Как выросло оливковое дерево | страница 2
Поднявшись с зарей с каменного пола, с жесткого своего ложа, возносил он утреннюю молитву, обратив лицо к стене Древнего города, белеющей на горе, по ту сторону долины, словно бы он стоял у Стены плача.
Небо там расцвечивалось то желтоватым, то розовым или белесым, и в это зарево врезались всегда одни и те же странные силуэты: четырехгранная церковная башня с тонким крестом на верхушке и стройные кипарисы, словно тоже на мгновенье застывшие неподвижно в молитве.
Торжественная тишина разливалась в такие утра над холмами, камнями и храмами Святого города, никем не нарушаемая, только колокольным звоном, далеким гортанным криком муэдзина, да неслышным, но явно ощутимым шелестом шагов — одетые в белое мужчины гуськом поднимались по горным тропинкам, чтобы помолиться у Стены плача.
Некогда и Яаков восходил этими узкими тропками на утреннюю молитву. Но недолго.
Мешали ему бумажные лоскутки, торчащие и трепещущие в щелях между древними камнями Великого храма.
Он не осуждал тех, кто писал эти записки Господу, прося помощи. В каждом таком лоскутке ведь было доброе желание или большая беда. И Яаков, никогда ничего не прося для себя, просил за других — чтоб исполнилось, что записано. И, может, оно и исполнялось. Но понять он так и не понял, зачем нужно писать, когда можно молча, без слов, мысленно все рассказать, все высказать, и Бог услышит.

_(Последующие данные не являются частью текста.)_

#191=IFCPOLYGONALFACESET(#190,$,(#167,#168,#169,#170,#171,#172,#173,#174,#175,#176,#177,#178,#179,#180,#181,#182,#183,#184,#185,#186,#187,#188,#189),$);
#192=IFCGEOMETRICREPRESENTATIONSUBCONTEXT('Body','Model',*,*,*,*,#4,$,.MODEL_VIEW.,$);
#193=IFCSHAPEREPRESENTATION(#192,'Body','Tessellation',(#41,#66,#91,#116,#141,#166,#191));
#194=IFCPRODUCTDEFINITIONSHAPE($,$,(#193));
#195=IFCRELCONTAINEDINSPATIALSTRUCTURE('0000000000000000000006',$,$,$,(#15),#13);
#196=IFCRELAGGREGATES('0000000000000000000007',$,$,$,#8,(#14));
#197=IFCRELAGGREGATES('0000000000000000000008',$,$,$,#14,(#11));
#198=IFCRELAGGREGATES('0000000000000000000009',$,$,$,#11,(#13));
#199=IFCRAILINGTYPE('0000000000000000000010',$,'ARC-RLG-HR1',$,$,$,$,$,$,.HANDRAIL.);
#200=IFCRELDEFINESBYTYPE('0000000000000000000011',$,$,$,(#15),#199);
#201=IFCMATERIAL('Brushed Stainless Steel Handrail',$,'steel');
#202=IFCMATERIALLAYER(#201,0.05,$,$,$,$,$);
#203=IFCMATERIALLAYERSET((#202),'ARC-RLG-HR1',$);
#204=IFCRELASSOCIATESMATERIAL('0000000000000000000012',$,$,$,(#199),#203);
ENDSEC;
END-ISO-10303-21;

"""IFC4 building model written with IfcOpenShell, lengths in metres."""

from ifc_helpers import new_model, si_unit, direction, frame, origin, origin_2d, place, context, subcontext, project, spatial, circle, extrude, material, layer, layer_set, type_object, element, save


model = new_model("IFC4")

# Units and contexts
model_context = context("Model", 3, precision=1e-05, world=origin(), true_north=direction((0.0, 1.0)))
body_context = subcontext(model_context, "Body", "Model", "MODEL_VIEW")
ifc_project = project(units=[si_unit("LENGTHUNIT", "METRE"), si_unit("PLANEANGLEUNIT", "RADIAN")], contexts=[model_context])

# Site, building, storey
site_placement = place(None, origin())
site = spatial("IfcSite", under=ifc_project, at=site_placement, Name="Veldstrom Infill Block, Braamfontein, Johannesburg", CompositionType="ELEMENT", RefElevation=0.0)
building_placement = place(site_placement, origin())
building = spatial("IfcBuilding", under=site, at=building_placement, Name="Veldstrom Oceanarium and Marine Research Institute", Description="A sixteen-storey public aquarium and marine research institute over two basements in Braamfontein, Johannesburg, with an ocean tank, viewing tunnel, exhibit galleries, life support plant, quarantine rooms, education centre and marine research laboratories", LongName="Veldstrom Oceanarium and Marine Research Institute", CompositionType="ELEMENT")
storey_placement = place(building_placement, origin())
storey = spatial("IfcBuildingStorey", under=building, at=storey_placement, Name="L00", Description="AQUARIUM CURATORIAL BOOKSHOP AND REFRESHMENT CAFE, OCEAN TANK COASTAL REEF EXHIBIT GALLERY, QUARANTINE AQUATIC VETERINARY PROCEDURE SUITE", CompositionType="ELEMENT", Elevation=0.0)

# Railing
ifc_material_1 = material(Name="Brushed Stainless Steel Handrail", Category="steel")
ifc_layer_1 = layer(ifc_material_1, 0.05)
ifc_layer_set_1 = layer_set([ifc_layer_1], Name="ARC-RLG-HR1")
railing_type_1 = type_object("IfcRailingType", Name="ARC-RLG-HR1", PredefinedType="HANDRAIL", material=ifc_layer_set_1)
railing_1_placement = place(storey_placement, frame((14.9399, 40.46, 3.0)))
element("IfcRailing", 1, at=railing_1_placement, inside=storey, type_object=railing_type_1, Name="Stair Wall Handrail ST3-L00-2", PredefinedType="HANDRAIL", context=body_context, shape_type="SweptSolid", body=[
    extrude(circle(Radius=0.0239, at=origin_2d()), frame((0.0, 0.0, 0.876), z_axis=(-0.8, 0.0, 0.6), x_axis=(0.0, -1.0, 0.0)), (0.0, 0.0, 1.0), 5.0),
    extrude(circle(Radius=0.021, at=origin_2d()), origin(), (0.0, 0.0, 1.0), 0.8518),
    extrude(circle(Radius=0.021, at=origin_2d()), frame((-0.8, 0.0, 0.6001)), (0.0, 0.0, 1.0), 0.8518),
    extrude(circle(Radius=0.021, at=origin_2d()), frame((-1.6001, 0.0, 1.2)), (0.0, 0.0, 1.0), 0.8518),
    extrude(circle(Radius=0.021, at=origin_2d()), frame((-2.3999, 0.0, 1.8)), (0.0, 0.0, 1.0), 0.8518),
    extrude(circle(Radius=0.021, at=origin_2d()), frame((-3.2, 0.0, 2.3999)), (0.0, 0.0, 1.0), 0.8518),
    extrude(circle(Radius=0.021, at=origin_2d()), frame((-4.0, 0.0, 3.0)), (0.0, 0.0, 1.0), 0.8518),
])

Самому Яакову ни бумаги не требовалось, ни письма. Без них с Господом договаривался. Хотя, конечно, не утомлял Яаков Создателя, не жаловался, даже когда тяжкая нужда припирала, потому что знал и верил: на все Его воля, захочет — сам руку прострет.
И разве не простер?
Еще тогда, на пустом месте, когда в шалашах жили, только что перенесенные в Святую землю на волшебном ковре из Йемена. Хлеба не хватало и воды, и материнские сосцы иссохли, и младенцы увядали, прямо на глазах, как старички, покрывались морщинами, и сын сына Яакова, новорожденный, чахнул едва родившись, и Яаков, вознося утреннюю молитву, возведя очи горе, промолвил: хоть бы была на этой земле травинка, что отведет смерть от младенцев! И пошел он в пустыню и пришел к роднику, у которого невиданные белые цветы расцвели. Набрал он тех белых цветов, вернулся, высушил их насолнце, и заварил, и дал матерям тот настой пить, и груди их налились молоком.
Разве не промысел Божий, не рука Господня?
Обе женщины Яакова умерли еще в Йемене, вечный им покой.
И дети все — а было их, слава Богу, счетом немало, от одной восемь, да от другой, может, тринадцать — состарились вскоре один за другим, ушли в мир иной, вечная им память, — Бог дал, Бог взял.